If you are doing a 30 second spot, make sure to have a clear voice and not a lot of fluff. Your audience hasn't heard of you before, so introduce yourself. Start with a brand name and mission. What's the identity of your product? Use about five key words to describe the product. If you want a jingle or catchy tune, use that here. End with the brand name and a quick overview of your product. Something like, "brand x is _____ and ____." Don't be afraid of repetition and stay away from big words. People always make fun of ads that are repetitive, but they remember them. 

Another method is the question answer with two voices. "Have you heard about ____?" I think this one is more commercially sounding. It sounds like an ad, and I don't think it's the best way to go, but people do it. 

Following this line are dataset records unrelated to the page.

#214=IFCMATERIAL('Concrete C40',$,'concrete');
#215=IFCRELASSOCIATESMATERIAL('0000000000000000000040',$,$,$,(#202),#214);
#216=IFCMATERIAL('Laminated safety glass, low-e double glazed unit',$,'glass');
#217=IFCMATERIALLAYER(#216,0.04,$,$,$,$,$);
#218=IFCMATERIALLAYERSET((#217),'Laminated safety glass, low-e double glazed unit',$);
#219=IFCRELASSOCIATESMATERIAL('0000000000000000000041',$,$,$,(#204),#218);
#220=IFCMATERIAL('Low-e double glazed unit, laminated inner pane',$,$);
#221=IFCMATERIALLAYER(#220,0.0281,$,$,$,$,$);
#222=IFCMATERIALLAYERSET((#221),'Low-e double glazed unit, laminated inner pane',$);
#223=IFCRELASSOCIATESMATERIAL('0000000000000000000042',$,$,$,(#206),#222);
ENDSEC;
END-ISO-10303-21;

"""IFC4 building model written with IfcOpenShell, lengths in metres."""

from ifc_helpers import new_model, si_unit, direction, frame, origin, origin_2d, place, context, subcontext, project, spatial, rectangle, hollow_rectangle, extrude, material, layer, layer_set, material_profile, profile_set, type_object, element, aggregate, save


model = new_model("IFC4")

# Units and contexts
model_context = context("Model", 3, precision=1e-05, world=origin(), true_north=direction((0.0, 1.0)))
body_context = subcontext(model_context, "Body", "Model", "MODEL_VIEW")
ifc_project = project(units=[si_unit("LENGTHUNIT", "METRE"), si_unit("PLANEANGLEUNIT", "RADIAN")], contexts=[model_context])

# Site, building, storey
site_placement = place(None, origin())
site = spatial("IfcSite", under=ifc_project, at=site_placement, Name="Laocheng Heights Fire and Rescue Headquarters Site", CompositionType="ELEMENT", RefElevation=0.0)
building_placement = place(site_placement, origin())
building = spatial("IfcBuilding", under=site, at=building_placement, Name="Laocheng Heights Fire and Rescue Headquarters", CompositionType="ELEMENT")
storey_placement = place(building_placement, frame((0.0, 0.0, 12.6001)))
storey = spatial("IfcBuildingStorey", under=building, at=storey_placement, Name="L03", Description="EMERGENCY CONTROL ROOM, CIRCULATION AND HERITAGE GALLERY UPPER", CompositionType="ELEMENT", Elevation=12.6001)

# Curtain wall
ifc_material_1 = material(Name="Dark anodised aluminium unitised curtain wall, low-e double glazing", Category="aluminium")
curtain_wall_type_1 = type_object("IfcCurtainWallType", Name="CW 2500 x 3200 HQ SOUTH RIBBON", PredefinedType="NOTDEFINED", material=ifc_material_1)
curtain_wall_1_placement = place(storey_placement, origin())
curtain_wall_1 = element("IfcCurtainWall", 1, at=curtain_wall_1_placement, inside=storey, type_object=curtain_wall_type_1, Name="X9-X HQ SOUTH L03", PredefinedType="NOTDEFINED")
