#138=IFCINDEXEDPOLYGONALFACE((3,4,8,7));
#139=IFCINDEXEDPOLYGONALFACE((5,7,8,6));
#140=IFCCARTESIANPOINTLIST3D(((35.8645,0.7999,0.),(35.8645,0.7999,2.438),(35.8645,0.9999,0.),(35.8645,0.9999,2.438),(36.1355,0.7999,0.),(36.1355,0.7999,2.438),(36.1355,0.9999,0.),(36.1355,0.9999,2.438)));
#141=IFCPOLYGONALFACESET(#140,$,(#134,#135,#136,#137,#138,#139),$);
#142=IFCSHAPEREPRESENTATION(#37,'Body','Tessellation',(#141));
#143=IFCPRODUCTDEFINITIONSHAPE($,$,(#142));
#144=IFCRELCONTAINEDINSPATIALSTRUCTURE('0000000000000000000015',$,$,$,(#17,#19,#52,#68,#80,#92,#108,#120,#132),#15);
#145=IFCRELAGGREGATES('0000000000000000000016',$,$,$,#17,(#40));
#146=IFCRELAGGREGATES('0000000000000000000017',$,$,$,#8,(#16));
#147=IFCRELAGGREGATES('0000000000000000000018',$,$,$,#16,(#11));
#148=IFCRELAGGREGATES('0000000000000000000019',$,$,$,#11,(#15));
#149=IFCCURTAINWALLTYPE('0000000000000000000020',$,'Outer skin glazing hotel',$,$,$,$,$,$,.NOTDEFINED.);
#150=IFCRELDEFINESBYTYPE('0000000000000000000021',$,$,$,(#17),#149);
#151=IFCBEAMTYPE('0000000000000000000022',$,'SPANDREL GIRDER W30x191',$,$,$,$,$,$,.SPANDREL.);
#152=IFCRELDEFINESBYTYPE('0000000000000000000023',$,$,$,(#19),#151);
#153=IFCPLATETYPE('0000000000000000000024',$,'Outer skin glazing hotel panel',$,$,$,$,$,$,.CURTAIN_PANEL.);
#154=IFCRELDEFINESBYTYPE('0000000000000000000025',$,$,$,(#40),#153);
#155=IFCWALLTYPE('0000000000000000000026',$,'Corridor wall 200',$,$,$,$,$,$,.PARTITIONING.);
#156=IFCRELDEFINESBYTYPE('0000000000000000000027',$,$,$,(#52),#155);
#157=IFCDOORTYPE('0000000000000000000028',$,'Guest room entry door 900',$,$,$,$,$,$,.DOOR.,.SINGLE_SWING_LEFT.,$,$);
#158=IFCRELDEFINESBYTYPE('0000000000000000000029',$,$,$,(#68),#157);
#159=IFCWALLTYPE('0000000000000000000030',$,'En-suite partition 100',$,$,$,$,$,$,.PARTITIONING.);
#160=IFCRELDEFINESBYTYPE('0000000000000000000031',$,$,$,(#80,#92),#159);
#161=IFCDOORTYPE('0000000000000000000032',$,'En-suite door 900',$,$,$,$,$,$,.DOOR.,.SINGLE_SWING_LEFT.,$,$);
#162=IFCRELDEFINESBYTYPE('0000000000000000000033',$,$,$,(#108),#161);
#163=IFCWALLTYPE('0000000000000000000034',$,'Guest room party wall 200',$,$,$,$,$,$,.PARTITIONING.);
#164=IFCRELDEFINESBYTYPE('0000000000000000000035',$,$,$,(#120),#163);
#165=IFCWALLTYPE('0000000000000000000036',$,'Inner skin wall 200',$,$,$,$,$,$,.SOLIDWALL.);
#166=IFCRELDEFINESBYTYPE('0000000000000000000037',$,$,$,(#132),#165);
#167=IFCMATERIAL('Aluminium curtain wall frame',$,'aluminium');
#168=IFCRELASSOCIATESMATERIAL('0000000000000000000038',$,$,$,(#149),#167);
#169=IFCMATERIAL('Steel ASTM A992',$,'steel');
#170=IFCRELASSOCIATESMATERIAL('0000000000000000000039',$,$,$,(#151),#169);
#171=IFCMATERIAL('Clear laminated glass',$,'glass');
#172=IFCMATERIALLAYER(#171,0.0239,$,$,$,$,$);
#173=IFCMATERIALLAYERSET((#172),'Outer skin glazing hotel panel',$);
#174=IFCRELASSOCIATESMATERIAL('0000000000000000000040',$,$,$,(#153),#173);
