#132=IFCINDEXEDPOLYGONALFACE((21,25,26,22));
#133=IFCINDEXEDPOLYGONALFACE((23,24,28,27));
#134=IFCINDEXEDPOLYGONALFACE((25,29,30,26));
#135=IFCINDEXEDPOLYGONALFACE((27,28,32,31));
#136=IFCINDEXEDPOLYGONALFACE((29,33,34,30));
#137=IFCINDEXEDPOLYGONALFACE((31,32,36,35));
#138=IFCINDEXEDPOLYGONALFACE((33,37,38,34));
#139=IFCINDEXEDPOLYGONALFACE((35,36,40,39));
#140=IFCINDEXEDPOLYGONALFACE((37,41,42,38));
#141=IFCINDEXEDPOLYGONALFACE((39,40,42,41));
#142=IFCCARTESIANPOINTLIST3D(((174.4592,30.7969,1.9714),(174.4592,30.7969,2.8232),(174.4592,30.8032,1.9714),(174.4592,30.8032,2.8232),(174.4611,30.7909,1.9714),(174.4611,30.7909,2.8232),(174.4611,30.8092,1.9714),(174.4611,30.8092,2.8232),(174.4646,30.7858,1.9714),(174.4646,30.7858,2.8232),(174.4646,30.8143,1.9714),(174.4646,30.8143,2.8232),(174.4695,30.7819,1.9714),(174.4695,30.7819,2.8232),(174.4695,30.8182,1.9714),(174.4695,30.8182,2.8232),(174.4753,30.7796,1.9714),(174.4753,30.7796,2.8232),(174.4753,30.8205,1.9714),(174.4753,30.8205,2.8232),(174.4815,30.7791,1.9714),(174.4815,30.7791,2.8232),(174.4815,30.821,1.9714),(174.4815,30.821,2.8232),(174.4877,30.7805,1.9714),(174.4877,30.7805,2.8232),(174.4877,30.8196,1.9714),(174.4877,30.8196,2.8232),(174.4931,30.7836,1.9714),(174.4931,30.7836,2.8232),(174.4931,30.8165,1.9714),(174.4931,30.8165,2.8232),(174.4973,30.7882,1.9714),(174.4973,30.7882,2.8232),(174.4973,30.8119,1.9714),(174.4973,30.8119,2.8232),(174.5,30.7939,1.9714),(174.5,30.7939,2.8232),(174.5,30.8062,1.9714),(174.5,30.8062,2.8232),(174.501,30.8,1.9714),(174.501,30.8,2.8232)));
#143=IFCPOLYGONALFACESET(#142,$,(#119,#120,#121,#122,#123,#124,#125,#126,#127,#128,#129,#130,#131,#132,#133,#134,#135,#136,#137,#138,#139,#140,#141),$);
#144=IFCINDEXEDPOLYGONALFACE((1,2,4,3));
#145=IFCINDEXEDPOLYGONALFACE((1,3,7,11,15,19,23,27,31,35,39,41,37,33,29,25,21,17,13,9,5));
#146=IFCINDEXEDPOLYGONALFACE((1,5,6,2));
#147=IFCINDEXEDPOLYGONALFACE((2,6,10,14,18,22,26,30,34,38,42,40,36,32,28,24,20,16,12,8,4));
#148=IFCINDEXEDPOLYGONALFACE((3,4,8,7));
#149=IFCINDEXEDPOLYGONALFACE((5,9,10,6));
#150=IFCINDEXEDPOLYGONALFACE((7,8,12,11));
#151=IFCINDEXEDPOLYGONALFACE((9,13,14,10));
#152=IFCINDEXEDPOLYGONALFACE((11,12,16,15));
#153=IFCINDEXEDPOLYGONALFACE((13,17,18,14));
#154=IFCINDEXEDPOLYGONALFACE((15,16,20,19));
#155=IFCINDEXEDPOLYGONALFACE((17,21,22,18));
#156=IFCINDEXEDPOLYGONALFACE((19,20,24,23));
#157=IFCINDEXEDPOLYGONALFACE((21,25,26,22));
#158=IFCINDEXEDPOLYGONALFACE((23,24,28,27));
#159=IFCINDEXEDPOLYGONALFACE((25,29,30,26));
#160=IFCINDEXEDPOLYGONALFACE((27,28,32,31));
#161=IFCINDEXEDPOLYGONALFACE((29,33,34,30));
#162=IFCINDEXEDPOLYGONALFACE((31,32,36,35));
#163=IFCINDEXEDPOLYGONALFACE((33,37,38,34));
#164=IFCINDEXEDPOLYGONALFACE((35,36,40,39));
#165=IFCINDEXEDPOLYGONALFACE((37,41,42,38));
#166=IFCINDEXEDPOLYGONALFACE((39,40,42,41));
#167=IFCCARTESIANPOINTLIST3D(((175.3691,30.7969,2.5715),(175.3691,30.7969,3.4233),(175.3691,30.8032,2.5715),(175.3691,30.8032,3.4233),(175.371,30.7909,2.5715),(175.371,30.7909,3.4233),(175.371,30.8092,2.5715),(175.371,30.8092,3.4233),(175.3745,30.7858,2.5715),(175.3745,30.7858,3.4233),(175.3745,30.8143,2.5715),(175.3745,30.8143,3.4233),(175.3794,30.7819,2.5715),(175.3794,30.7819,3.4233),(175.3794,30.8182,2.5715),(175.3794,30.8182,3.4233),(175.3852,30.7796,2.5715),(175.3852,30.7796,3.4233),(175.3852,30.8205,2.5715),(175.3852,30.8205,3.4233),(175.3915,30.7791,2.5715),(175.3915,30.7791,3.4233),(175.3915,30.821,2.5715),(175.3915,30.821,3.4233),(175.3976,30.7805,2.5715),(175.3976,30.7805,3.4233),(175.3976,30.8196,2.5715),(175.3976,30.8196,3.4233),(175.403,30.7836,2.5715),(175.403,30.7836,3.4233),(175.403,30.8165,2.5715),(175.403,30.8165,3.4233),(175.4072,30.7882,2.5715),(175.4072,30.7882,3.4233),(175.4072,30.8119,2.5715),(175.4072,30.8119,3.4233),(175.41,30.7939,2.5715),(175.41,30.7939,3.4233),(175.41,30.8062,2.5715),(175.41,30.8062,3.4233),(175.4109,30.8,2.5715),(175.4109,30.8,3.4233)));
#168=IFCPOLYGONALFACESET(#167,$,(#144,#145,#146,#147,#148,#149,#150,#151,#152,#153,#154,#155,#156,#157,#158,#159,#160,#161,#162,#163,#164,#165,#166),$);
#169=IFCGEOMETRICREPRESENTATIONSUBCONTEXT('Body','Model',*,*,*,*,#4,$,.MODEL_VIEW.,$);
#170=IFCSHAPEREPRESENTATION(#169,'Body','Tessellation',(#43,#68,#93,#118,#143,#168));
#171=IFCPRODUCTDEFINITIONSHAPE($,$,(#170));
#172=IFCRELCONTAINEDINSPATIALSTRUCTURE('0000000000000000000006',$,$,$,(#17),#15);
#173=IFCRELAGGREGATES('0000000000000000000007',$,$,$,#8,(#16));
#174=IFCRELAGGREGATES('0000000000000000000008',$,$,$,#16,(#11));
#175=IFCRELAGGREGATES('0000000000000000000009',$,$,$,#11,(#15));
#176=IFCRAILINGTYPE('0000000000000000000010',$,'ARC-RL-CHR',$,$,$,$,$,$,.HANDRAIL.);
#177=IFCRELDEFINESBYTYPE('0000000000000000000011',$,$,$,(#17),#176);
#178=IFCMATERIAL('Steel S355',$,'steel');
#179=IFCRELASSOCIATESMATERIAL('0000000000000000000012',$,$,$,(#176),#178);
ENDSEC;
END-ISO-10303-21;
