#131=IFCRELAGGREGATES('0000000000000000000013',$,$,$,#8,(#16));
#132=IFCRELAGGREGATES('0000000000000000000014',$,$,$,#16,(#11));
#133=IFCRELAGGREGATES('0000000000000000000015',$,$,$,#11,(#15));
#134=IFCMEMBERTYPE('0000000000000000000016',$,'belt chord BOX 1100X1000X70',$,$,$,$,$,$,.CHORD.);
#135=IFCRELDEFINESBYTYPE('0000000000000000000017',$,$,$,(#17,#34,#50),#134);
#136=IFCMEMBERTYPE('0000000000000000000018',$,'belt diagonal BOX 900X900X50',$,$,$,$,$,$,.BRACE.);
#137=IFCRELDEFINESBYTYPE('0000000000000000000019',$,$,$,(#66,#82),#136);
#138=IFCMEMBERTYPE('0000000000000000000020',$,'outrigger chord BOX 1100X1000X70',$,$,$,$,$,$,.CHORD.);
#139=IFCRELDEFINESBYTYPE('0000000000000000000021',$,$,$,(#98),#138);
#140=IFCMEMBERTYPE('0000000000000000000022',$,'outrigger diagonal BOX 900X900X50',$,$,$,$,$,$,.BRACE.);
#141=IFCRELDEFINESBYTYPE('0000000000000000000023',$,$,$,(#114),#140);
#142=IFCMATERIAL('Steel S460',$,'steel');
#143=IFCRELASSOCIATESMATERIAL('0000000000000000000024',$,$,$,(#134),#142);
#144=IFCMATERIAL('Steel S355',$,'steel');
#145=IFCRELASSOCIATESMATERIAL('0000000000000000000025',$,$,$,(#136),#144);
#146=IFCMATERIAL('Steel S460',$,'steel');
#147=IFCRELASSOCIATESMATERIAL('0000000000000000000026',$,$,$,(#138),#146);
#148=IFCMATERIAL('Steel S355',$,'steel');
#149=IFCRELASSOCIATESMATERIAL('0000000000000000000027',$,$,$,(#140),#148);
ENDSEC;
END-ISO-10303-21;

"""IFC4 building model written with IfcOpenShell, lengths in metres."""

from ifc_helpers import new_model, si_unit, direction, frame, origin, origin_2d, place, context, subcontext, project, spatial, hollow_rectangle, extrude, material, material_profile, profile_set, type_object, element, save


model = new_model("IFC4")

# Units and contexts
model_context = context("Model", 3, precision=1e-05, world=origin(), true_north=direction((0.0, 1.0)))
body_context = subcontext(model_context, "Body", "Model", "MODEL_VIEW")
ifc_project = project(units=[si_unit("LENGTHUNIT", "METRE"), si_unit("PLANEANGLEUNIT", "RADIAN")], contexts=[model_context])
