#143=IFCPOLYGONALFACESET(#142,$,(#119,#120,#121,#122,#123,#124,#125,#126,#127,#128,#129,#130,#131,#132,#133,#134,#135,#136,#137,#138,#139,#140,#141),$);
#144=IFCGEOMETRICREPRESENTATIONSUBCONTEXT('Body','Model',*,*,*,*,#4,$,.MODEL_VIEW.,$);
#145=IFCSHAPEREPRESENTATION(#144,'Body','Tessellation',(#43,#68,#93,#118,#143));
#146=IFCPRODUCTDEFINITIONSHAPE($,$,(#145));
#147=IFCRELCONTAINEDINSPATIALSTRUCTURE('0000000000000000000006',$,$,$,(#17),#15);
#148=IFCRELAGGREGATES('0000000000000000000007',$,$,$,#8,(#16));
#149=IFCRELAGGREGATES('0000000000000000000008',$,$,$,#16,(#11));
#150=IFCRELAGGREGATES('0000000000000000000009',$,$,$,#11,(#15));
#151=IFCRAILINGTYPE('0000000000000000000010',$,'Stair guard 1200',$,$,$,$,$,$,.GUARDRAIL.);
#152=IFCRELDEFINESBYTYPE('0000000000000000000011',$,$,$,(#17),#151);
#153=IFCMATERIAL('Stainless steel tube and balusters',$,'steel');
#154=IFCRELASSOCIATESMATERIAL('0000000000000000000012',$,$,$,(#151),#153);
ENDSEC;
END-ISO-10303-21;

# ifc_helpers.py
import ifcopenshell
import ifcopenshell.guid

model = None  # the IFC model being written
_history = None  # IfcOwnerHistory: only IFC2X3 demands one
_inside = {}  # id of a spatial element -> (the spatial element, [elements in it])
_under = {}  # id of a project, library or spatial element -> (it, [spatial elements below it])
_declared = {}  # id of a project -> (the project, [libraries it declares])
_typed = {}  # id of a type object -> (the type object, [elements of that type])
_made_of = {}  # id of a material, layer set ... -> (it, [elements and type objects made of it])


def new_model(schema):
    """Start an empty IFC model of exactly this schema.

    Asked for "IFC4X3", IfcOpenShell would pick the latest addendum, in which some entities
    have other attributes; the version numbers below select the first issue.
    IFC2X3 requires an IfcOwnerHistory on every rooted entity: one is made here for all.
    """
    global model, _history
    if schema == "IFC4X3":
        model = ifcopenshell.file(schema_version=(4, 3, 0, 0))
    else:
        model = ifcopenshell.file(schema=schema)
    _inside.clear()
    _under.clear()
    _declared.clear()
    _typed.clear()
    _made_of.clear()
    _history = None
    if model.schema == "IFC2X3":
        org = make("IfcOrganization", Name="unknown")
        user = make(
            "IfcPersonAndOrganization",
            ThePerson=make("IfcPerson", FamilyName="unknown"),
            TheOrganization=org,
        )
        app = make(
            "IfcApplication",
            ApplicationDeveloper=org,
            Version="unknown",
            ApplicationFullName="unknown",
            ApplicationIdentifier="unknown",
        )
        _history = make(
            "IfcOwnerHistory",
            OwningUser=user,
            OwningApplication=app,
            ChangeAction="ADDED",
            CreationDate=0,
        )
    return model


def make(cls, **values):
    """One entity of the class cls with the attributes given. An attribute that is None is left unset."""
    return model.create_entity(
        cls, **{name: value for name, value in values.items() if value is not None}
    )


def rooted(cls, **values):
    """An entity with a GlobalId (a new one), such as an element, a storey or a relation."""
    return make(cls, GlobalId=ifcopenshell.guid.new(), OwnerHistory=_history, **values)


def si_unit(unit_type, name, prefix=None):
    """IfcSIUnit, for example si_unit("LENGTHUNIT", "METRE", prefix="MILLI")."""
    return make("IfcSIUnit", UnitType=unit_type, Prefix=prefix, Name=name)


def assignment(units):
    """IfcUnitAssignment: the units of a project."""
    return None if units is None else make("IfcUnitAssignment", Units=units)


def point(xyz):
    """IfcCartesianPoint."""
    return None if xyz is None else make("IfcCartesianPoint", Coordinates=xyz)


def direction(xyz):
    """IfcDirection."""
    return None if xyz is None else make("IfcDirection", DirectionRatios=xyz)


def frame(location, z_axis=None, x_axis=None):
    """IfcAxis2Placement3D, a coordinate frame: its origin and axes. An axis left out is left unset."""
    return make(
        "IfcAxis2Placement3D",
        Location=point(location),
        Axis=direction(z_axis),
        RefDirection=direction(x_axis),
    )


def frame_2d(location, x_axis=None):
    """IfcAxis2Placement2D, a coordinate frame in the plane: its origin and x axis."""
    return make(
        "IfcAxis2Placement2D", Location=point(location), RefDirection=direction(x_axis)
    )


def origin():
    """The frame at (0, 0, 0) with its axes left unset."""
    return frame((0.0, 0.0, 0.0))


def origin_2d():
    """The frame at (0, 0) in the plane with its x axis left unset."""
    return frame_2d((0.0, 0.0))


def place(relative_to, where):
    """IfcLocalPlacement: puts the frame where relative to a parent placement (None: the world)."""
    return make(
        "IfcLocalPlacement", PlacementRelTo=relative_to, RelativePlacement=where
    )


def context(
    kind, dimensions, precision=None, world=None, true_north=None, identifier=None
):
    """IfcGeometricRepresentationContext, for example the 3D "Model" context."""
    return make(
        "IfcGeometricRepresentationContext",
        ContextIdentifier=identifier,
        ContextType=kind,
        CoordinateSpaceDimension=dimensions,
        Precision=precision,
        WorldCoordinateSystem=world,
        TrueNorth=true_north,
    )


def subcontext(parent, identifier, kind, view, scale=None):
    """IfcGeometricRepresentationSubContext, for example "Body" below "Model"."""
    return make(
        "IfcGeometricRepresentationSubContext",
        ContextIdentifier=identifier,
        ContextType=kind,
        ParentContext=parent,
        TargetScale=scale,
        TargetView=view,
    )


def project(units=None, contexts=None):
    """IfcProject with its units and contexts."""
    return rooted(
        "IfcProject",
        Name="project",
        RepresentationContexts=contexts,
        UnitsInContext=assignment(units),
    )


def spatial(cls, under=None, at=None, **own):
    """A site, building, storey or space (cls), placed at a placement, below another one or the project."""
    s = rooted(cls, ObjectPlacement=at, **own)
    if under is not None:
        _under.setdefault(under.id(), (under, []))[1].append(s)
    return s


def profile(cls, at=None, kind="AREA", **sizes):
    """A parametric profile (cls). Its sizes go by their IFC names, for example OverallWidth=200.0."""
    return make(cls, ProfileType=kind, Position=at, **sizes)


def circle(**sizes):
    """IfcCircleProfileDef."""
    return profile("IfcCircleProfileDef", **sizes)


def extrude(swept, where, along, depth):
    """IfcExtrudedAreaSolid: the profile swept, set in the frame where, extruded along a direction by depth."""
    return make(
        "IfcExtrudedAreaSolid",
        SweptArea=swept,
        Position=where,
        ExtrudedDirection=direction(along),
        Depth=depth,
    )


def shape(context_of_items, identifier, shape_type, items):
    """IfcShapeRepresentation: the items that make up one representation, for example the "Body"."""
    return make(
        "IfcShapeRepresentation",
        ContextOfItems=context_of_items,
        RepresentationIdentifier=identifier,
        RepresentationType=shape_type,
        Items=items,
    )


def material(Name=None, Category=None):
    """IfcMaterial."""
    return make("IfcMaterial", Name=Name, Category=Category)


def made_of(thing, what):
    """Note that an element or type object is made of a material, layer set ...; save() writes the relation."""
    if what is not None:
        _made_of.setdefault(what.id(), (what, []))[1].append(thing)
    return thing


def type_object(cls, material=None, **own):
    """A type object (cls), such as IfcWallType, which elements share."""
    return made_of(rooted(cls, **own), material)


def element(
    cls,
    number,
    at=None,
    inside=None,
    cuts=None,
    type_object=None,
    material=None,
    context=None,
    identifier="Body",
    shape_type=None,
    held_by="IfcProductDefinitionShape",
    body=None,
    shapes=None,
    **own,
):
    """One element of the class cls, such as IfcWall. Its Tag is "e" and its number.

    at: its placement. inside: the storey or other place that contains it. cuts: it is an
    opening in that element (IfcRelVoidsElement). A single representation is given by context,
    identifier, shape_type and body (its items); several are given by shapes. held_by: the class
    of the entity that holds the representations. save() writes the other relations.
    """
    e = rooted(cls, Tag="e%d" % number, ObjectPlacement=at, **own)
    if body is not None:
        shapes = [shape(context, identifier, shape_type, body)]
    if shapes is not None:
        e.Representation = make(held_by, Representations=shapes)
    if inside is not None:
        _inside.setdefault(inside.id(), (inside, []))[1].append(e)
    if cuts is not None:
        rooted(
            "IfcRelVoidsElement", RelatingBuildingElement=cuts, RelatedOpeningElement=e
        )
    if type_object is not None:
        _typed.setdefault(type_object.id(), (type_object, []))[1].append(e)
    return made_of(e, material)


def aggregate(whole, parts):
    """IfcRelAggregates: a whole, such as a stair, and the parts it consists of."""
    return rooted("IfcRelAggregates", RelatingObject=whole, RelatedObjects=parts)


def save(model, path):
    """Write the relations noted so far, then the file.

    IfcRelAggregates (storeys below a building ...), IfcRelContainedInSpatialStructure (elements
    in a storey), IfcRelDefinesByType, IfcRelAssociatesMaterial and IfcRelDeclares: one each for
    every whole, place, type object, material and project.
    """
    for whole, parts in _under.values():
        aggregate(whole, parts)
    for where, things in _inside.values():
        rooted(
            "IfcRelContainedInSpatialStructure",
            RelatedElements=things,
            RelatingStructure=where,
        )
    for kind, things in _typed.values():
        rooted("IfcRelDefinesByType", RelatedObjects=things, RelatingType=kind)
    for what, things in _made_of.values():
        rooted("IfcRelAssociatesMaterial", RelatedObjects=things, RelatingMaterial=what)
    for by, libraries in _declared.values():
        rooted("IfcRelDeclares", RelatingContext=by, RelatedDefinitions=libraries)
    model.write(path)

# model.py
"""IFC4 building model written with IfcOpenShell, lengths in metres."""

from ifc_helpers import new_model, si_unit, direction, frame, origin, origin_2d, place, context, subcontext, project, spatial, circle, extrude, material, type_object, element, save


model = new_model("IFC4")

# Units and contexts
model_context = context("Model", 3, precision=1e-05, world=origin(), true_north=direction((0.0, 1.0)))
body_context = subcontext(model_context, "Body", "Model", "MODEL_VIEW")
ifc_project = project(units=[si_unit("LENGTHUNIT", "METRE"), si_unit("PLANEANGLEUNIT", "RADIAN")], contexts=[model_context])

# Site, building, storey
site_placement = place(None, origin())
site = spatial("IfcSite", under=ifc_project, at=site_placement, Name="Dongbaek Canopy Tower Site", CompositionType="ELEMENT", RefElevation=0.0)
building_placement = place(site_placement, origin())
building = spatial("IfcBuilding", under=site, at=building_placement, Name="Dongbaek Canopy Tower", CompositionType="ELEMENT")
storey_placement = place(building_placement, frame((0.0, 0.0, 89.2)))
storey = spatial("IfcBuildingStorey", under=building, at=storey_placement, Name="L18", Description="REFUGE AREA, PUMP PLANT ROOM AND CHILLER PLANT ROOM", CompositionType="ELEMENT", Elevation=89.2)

If you are targeting a certain station, you should pick a show that your audience listens too. Have that DJ or host record your spot. People listening to this show on a normal basis will be used to him talking, and trust his/her voice, and eventually your product. I would say this is the best way to go. DJs are free as well. They don't volunteer to do ads, but they understand that this is how they get paid as well. Use them and don't take no for an answer. 

I hope this helps.

Your keys should be original artwork, unique texture, and fresh themes. The detailed description will create excitement and curiousity about the product.


----------



## Rodney (Nov 3, 2004)

Thanks for the great tips, Greg!


----------



## Garage.Works (Sep 19, 2009)

from what i have heard... but havent seen.. is that people can change a chanel fast if they get board, so regardless the station gets paid weather it pays out or not... just like 99% of other advertisment, but i see this one not working as well for clothing lines.


----------



## chrisf116 (Jul 26, 2007)

Good advice thanks everyone


----------



## amandamoore (Feb 3, 2010)

Just create a simple song depicting your t-shirt product. Probably a jingle song commercial. A very short 30 sec. can't do a good voice acting production. But composing a jingle would be an excellent winning idea.


----------



## SHIROINEKO (Mar 31, 2010)

I think t-shirt is about sight not sound.

So, I don't think it helps.


----------